Here's an example of how to incorporate the Equijoin operation into a pipeline using the job candidate matching scenario:

model: gpt-4o-mini

datasets:
  candidates:
    type: file
    path: /path/to/candidates.json
  job_postings:
    type: file
    path: /path/to/job_postings.json

operations:
  - name: match_candidates_to_jobs:
    type: equijoin
    comparison_prompt: |
      Compare the following job candidate and job posting:

      Candidate Skills: {{ left.skills }}
      Candidate Experience: {{ left.years_experience }}

      Job Required Skills: {{ right.required_skills }}
      Job Desired Experience: {{ right.desired_experience }}

      Is this candidate a good match for the job? Consider both the overlap in skills and the candidate's experience level. Respond with "True" if it's a good match, or "False" if it's not a suitable match.

pipeline:
  steps:
    - name: match_candidates_to_jobs
      operations:
        - match_candidates_to_jobs:
            left: candidates
            right: job_postings

  output:
    type: file
    path: "/path/to/matched_candidates_jobs.json"

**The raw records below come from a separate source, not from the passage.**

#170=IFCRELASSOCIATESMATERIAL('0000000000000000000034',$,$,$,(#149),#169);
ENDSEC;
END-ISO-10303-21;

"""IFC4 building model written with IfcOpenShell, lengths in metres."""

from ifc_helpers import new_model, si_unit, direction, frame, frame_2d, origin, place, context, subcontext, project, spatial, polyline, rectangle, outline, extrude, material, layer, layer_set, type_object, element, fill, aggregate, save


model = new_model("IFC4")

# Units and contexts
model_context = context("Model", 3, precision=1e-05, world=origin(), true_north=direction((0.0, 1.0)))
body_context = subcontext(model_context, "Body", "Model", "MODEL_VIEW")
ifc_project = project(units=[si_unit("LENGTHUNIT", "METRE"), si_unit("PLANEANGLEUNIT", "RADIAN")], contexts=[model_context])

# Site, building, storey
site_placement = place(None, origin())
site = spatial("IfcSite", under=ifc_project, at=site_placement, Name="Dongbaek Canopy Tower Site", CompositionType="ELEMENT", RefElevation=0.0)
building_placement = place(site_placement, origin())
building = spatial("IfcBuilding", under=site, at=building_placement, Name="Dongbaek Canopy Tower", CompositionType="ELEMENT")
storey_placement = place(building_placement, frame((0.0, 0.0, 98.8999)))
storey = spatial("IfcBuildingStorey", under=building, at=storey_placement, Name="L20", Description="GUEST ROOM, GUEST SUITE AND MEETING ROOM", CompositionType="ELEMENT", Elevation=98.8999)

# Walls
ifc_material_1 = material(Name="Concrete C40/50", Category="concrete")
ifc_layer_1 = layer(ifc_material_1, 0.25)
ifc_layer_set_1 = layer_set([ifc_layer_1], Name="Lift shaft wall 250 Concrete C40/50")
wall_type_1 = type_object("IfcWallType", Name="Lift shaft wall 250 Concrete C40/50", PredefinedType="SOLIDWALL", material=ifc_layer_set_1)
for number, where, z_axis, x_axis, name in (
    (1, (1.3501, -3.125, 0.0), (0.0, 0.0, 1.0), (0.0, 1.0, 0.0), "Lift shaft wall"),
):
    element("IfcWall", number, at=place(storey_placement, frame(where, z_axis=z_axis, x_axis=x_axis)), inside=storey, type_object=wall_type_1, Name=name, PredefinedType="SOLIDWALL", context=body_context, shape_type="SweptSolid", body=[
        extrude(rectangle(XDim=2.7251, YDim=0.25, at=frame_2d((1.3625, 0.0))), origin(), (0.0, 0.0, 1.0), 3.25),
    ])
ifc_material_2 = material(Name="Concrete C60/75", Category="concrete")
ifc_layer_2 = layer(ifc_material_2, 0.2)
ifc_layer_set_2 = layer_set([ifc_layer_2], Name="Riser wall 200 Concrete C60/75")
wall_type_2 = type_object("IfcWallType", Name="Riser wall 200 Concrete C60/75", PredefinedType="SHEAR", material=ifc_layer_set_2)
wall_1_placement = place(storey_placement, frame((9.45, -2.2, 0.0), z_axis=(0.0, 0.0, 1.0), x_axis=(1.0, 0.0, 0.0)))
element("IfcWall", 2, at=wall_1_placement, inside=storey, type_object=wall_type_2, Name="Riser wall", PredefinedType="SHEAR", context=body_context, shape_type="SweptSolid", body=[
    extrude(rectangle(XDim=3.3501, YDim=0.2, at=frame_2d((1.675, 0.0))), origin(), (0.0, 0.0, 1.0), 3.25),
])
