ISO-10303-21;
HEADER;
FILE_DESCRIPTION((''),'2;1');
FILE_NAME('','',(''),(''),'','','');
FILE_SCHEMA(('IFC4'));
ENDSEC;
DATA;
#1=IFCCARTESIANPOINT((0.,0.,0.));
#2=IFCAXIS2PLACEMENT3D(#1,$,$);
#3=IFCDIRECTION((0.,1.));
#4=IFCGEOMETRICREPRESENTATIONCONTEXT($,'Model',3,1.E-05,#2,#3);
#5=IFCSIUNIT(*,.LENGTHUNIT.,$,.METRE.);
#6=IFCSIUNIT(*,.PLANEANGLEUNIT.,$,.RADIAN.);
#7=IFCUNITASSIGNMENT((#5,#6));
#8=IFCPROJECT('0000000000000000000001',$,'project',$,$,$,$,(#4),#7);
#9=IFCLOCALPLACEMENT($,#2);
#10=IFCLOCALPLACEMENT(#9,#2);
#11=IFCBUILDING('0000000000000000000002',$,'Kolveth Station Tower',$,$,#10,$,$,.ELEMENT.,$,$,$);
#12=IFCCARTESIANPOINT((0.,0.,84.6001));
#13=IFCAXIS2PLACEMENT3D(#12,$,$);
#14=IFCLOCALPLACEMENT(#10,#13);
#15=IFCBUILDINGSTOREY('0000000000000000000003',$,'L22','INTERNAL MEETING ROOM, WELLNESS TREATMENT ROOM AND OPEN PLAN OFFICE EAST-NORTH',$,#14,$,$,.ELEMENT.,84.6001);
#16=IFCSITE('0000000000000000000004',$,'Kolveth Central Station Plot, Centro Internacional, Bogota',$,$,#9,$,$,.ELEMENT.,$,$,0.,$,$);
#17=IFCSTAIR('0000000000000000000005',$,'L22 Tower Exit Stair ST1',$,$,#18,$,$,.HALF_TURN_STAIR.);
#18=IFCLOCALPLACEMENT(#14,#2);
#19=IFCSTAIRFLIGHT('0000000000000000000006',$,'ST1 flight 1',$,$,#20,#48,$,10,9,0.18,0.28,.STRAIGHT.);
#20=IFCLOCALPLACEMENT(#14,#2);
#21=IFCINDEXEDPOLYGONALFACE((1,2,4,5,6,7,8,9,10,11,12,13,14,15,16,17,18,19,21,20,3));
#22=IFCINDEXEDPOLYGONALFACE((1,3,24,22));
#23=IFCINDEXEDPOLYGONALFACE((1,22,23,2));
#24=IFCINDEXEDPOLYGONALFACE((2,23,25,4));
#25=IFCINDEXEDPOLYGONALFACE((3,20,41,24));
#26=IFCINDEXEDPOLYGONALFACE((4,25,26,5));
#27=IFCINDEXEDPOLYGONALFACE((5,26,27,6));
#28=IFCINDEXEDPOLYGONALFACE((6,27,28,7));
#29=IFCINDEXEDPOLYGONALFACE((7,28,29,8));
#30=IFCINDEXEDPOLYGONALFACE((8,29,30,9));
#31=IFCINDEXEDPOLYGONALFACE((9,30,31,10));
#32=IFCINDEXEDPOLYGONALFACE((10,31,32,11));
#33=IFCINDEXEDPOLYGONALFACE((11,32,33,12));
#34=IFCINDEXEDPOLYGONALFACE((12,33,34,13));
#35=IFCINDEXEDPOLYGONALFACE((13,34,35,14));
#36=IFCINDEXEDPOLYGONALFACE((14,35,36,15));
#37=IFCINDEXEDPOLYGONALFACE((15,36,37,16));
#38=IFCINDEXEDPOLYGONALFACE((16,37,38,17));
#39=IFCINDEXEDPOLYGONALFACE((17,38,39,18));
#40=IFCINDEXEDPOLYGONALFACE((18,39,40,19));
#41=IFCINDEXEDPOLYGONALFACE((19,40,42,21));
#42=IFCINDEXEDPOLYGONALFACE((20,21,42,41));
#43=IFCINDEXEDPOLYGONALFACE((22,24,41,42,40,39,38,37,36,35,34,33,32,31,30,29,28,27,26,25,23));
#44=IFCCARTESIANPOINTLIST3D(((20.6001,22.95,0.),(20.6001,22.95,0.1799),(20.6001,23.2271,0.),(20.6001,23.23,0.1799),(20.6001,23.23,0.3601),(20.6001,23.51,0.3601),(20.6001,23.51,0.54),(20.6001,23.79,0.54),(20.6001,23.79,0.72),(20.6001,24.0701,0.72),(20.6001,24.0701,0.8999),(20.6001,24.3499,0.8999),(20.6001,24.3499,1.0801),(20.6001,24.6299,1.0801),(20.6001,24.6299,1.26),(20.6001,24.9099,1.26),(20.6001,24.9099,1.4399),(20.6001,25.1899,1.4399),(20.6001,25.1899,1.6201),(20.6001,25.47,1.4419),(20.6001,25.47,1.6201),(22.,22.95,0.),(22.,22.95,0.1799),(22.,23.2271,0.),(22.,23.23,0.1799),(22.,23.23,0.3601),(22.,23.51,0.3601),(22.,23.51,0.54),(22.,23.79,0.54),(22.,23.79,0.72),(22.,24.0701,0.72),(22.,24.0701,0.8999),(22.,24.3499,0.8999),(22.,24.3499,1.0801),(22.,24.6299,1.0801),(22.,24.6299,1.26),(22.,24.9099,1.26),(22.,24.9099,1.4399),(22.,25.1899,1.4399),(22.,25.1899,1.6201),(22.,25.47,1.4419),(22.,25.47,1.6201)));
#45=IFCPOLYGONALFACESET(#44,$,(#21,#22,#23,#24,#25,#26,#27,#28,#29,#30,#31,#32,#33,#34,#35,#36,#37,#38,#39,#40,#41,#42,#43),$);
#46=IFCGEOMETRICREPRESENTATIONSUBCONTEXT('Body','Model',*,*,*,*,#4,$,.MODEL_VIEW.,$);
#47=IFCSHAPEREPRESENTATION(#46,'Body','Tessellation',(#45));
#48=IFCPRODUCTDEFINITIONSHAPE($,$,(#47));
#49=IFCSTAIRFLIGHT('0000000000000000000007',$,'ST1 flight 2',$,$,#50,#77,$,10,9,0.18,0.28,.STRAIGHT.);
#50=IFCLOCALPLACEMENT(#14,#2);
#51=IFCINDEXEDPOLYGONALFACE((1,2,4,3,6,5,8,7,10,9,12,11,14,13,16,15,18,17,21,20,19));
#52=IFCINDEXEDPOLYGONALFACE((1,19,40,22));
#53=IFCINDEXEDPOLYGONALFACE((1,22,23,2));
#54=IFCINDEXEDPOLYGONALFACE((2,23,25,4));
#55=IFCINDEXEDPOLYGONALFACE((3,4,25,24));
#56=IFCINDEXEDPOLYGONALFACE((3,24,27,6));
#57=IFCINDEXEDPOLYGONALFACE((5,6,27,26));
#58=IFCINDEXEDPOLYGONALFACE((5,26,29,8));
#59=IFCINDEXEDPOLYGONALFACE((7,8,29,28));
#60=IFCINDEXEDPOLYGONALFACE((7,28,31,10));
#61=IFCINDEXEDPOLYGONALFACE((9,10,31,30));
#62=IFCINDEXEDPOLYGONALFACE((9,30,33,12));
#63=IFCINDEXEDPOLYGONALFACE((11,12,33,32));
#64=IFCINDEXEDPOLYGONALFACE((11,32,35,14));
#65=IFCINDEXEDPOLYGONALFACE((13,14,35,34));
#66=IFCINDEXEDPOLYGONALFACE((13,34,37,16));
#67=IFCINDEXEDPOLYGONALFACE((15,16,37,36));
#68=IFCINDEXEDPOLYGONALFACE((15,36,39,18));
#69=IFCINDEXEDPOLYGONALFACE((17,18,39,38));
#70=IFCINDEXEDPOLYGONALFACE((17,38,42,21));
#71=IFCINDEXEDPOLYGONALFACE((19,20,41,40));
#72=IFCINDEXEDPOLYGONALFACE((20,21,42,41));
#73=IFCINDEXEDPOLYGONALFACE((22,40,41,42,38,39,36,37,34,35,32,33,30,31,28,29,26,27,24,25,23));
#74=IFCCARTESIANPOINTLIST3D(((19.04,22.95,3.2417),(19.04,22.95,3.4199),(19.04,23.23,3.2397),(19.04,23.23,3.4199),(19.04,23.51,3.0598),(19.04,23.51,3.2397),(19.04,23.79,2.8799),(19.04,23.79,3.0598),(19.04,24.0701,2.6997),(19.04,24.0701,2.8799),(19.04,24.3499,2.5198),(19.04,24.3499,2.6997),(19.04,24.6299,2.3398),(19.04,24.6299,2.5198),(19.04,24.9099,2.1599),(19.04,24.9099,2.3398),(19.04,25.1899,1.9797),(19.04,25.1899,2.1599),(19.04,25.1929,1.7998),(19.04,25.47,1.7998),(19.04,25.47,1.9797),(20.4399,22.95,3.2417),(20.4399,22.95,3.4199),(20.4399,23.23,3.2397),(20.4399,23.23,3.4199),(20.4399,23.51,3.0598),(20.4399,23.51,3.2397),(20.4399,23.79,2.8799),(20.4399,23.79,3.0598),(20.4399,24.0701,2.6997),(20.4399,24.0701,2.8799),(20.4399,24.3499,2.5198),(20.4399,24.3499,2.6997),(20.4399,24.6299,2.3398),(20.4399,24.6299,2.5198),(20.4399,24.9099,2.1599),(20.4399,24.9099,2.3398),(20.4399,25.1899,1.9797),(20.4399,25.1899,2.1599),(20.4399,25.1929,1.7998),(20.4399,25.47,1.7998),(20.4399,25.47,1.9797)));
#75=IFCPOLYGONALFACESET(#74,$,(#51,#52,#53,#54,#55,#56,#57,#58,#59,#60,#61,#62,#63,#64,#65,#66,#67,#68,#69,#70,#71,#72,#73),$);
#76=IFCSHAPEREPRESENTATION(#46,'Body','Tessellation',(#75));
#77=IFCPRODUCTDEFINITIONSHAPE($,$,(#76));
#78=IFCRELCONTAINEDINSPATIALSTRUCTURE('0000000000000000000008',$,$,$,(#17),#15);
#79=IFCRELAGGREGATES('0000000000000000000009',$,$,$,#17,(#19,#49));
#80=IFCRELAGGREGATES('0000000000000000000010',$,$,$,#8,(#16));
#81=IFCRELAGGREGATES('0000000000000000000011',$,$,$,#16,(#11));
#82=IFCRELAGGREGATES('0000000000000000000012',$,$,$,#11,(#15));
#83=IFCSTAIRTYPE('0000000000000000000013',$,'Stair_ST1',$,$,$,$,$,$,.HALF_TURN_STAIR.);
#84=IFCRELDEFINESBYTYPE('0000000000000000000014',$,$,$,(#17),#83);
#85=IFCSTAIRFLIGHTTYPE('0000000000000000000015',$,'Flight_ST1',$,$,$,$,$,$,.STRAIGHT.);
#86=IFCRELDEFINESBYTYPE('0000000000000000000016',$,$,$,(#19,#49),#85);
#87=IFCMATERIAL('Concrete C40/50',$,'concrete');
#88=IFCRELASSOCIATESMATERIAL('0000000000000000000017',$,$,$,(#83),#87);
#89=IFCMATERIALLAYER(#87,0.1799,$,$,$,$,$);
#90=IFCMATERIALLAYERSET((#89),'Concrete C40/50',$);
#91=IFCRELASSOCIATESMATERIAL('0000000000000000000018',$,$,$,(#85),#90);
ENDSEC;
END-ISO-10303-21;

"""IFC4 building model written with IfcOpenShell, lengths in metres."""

from ifc_helpers import new_model, si_unit, direction, frame, origin, place, context, subcontext, project, spatial, polyline, outline, extrude, material, layer, layer_set, type_object, element, aggregate, save


model = new_model("IFC4")

# Units and contexts
model_context = context("Model", 3, precision=1e-05, world=origin(), true_north=direction((0.0, 1.0)))
body_context = subcontext(model_context, "Body", "Model", "MODEL_VIEW")
ifc_project = project(units=[si_unit("LENGTHUNIT", "METRE"), si_unit("PLANEANGLEUNIT", "RADIAN")], contexts=[model_context])

# Site, building, storey
site_placement = place(None, origin())
site = spatial("IfcSite", under=ifc_project, at=site_placement, Name="Kolveth Central Station Plot, Centro Internacional, Bogota", CompositionType="ELEMENT", RefElevation=0.0)
building_placement = place(site_placement, origin())
building = spatial("IfcBuilding", under=site, at=building_placement, Name="Kolveth Station Tower", CompositionType="ELEMENT")
storey_placement = place(building_placement, frame((0.0, 0.0, 84.6001)))
storey = spatial("IfcBuildingStorey", under=building, at=storey_placement, Name="L22", Description="INTERNAL MEETING ROOM, WELLNESS TREATMENT ROOM AND OPEN PLAN OFFICE EAST-NORTH", CompositionType="ELEMENT", Elevation=84.6001)

# Shared definitions
ifc_material_1 = material(Name="Concrete C40/50", Category="concrete")

# Stair, stair flights
stair_type = type_object("IfcStairType", Name="Stair_ST1", PredefinedType="HALF_TURN_STAIR", material=ifc_material_1)
stair_placement = place(storey_placement, origin())
stair = element("IfcStair", 1, at=stair_placement, inside=storey, type_object=stair_type, Name="L22 Tower Exit Stair ST1", PredefinedType="HALF_TURN_STAIR")
ifc_layer_1 = layer(ifc_material_1, 0.1799)
ifc_layer_set_1 = layer_set([ifc_layer_1], Name="Concrete C40/50")
stair_flight_type = type_object("IfcStairFlightType", Name="Flight_ST1", PredefinedType="STRAIGHT", material=ifc_layer_set_1)
stair_flight_1_placement = place(storey_placement, frame((21.3, 22.95, 0.0), z_axis=(0.0, 0.0, 1.0), x_axis=(0.0, 1.0, 0.0)))
stair_flight_1 = element("IfcStairFlight", 2, at=stair_flight_1_placement, type_object=stair_flight_type, Name="ST1 flight 1", NumberOfRisers=10, NumberOfTreads=9, PredefinedType="STRAIGHT", RiserHeight=0.18, TreadLength=0.28, context=body_context, shape_type="SweptSolid", body=[
    extrude(outline(polyline([(0.0, 0.0), (0.0, 0.1799), (0.28, 0.1799), (0.28, 0.3601), (0.5601, 0.3601), (0.5601, 0.54), (0.8401, 0.54), (0.8401, 0.72), (1.1201, 0.72), (1.1201, 0.8999), (1.3999, 0.8999), (1.3999, 1.0801), (1.6799, 1.0801), (1.6799, 1.26), (1.96, 1.26), (1.96, 1.4399), (2.24, 1.4399), (2.24, 1.6201), (2.52, 1.6201), (2.52, 1.8), (2.52, 1.4419), (0.2771, 0.0), (0.0, 0.0)])), frame((0.0, 0.7, 0.0), z_axis=(0.0, -1.0, 0.0), x_axis=(1.0, 0.0, 0.0)), (0.0, 0.0, 1.0), 1.3999),
])
stair_flight_2_placement = place(storey_placement, frame((19.74, 25.47, 1.7998), z_axis=(0.0, 0.0, 1.0), x_axis=(0.0, -1.0, 0.0)))
stair_flight_2 = element("IfcStairFlight", 3, at=stair_flight_2_placement, type_object=stair_flight_type, Name="ST1 flight 2", NumberOfRisers=10, NumberOfTreads=9, PredefinedType="STRAIGHT", RiserHeight=0.18, TreadLength=0.28, context=body_context, shape_type="SweptSolid", body=[
    extrude(outline(polyline([(0.0, 0.0), (0.0, 0.1799), (0.28, 0.1799), (0.28, 0.3601), (0.5601, 0.3601), (0.5601, 0.54), (0.8401, 0.54), (0.8401, 0.72), (1.1201, 0.72), (1.1201, 0.8999), (1.3999, 0.8999), (1.3999, 1.0801), (1.6799, 1.0801), (1.6799, 1.26), (1.96, 1.26), (1.96, 1.4399), (2.24, 1.4399), (2.24, 1.6201), (2.52, 1.6201), (2.52, 1.8), (2.52, 1.4419), (0.2771, 0.0), (0.0, 0.0)])), frame((0.0, 0.7, 0.0), z_axis=(0.0, -1.0, 0.0), x_axis=(1.0, 0.0, 0.0)), (0.0, 0.0, 1.0), 1.3999),
])
aggregate(stair, [stair_flight_1, stair_flight_2])

save(model, "model.ifc")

This pipeline configuration demonstrates how to use the Equijoin operation to match job candidates with job postings. The pipeline reads candidate and job posting data from JSON files, performs the matching using the defined comparison prompt, and outputs the results to a new JSON file.

Best Practices

Leverage the Optimizer: Use docetl build pipeline.yaml to automatically generate efficient blocking rules for your Equijoin operation.
Craft Thoughtful Comparison Prompts: Design prompts that effectively determine whether two records should be joined based on your specific use case.
Balance Precision and Recall: When optimizing, consider the trade-off between catching all potential matches and reducing unnecessary comparisons.
Mind Resource Constraints: Use limit_comparisons if you need to cap the total number of comparisons for large datasets.
Iterate and Refine: Start with a small sample of your data to test and refine your join criteria before running on the full dataset.

For additional best practices that apply to both Resolve and Equijoin operations, see the Best Practices section in the Resolve operation documentation.